Ровно через два дня меня и еще двух человек, по виду уголовников, вывели из ворот ОЛПа и в кузове грузовика — лицом назад — повезли на железнодорожную станцию. Разговаривать, закуривать и шевелиться не разрешалось. На станции нас присоединили к большой группе заключенных с других ОЛПов, посадили на землю и запретили поднимать голову. Ждали поезда Москва — Воркута. Метрах в пятидесяти от нас на асфальтированной площадке его ждали вольные — женщины с сумками и чемоданами и военные. Те и другие искоса на нас поглядывали без большого, впрочем, интереса: в здешних местах такая картина вполне обычная.

Поезд опаздывал, и скоро арестанты начали проявлять беспокойство. Тогда конвой разрешил подняться и справить малую нужду тут же, не сходя с места. Никого из посторонних это не возмутило и не удивило, просто женщины на перроне стали смотреть в другую сторону. Пожалуй, мы для них были чем-то вроде скота.

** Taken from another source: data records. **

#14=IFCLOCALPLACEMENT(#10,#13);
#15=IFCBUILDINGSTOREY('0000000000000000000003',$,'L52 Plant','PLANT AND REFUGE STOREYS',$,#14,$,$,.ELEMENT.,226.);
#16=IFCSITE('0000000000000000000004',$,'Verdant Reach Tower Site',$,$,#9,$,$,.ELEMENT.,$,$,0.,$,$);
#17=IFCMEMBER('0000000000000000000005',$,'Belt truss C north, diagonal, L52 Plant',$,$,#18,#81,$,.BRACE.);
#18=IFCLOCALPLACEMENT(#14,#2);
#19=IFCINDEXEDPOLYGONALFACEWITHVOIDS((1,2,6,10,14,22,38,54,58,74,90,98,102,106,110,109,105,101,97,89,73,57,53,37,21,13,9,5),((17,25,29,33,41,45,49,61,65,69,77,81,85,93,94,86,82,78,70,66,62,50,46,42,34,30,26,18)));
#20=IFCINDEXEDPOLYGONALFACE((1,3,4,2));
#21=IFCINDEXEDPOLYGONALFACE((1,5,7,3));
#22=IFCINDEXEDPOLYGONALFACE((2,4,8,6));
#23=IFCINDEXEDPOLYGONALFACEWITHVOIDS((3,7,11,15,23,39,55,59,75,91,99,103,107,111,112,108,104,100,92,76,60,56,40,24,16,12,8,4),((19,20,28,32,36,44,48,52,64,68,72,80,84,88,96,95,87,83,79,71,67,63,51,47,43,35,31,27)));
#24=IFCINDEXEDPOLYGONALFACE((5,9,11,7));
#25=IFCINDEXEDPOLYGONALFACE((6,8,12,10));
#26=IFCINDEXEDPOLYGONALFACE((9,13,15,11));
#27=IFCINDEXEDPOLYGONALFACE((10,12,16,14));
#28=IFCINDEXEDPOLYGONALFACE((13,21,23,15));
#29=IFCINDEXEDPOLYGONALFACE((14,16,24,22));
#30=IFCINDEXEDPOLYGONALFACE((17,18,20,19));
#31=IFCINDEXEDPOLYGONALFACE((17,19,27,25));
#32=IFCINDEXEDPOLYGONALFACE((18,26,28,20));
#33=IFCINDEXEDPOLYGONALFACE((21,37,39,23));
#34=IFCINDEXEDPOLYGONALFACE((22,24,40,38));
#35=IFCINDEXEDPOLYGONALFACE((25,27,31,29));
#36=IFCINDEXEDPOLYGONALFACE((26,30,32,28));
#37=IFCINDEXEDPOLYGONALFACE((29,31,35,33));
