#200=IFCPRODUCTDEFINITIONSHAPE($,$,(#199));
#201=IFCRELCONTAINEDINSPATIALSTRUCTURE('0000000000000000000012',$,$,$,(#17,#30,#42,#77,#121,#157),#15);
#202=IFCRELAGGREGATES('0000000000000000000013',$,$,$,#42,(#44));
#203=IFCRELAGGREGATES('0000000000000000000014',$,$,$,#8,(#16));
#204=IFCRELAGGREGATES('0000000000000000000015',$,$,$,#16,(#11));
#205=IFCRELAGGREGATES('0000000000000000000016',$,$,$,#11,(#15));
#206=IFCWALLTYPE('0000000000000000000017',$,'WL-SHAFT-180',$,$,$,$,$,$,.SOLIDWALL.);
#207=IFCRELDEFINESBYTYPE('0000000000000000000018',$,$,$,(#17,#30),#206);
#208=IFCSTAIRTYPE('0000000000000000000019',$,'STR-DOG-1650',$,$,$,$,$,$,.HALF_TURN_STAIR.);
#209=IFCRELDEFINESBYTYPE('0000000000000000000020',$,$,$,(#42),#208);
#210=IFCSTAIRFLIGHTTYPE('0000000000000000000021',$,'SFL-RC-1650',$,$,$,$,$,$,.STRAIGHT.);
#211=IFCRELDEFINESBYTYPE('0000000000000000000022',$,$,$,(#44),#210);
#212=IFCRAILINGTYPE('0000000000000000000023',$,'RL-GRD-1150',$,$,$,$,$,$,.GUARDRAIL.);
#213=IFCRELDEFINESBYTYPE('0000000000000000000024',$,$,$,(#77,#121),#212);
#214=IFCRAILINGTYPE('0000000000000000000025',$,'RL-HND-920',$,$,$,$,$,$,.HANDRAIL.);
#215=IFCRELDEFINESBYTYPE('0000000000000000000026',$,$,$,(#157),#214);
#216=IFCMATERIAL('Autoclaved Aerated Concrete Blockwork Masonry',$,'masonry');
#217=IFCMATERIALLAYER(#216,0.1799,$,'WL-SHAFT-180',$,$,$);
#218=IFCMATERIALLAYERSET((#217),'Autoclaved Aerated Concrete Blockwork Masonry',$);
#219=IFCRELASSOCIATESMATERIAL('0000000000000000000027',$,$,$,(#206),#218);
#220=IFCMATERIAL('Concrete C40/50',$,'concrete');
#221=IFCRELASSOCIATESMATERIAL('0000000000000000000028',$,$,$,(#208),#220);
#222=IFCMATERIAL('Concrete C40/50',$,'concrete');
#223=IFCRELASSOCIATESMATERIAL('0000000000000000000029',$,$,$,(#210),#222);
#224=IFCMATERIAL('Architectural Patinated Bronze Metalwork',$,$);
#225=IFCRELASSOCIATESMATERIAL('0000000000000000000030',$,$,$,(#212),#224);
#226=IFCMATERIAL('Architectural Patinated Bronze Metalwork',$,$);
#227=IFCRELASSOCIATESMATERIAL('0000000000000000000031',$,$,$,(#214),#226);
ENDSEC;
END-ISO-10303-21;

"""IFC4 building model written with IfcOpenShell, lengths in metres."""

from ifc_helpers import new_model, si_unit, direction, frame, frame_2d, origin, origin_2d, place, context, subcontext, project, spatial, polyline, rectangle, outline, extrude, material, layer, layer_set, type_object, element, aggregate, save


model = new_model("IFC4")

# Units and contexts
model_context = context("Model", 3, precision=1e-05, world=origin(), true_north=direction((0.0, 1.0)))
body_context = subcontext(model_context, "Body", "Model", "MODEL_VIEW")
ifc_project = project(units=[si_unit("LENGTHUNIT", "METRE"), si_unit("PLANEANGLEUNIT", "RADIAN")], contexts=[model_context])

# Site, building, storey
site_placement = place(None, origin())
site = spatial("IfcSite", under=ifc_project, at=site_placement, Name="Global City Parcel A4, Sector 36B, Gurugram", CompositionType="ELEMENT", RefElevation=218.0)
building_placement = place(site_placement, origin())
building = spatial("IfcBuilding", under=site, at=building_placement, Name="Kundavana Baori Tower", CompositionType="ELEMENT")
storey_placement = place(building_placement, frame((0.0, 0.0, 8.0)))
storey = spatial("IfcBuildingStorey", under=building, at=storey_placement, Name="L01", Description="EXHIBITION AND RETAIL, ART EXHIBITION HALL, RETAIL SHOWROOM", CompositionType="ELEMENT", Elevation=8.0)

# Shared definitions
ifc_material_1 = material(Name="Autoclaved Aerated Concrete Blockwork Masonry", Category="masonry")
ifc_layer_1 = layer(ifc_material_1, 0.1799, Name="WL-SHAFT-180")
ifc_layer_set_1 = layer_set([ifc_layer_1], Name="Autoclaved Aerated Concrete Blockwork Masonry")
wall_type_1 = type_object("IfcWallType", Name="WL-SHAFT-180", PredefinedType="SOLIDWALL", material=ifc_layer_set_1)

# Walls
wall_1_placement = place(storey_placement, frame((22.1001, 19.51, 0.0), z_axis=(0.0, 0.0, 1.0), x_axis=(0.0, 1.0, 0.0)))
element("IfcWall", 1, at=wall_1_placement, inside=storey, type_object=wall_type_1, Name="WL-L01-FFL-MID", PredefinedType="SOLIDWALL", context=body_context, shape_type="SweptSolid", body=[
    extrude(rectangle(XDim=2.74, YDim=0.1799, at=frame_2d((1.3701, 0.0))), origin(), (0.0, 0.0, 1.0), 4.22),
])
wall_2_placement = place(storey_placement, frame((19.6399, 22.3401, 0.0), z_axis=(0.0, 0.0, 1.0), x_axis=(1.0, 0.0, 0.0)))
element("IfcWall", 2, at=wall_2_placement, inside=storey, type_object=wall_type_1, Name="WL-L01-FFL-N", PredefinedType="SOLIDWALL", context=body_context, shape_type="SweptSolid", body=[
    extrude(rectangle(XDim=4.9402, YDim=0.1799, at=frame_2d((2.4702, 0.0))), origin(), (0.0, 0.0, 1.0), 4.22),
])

Еще через полчаса показался поезд, пассажиры на перроне оживились, мы же оставались спокойными: прикажут — войдем в вагон-зак, займем места…

Однако все купе оказались переполненными: из Воркуты, Инты и Сухобезводного везли зэков в разные места Советского Союза — кого на новое следствие, кого, как меня, на пересмотр дела.

Мне досталось место на верхней полке во втором от туалета купе. Вместо положенных шести человек здесь разместились пятнадцать. Обе верхние полки соединялись досками, и над нижними жильцами, таким образом, висели полати с плотно лежащими телами их товарищей. От спертого воздуха, наполненного испарениями полуголых тел и густого табачного дыма, было трудно дышать. Рядом со мной, голова к голове, лежал пожилой, обросший щетиной человек и все время кашлял кровью. На худом лице горячечным блеском светились глаза. Иногда, просыпаясь, я чувствовал его дыхание на своих губах…

Даже первое, беглое разглядывание попутчиков принесло мне некоторое успокоение: блатных среди них не было. Вскоре это наблюдение подтвердилось дикими воплями из дальнего купе: по недосмотру конвоя к ворам в законе поместили суку — и теперь его не то душили, не то резали. Весь конвой бросился туда, и началась жестокая возня — слабых и малорослых в конвой не берут… Минут через десять, когда утихли крики, по коридору протащили волоком молодого парня. Голова его болталась на окровавленной шее — по-видимому, ему перерезали горло.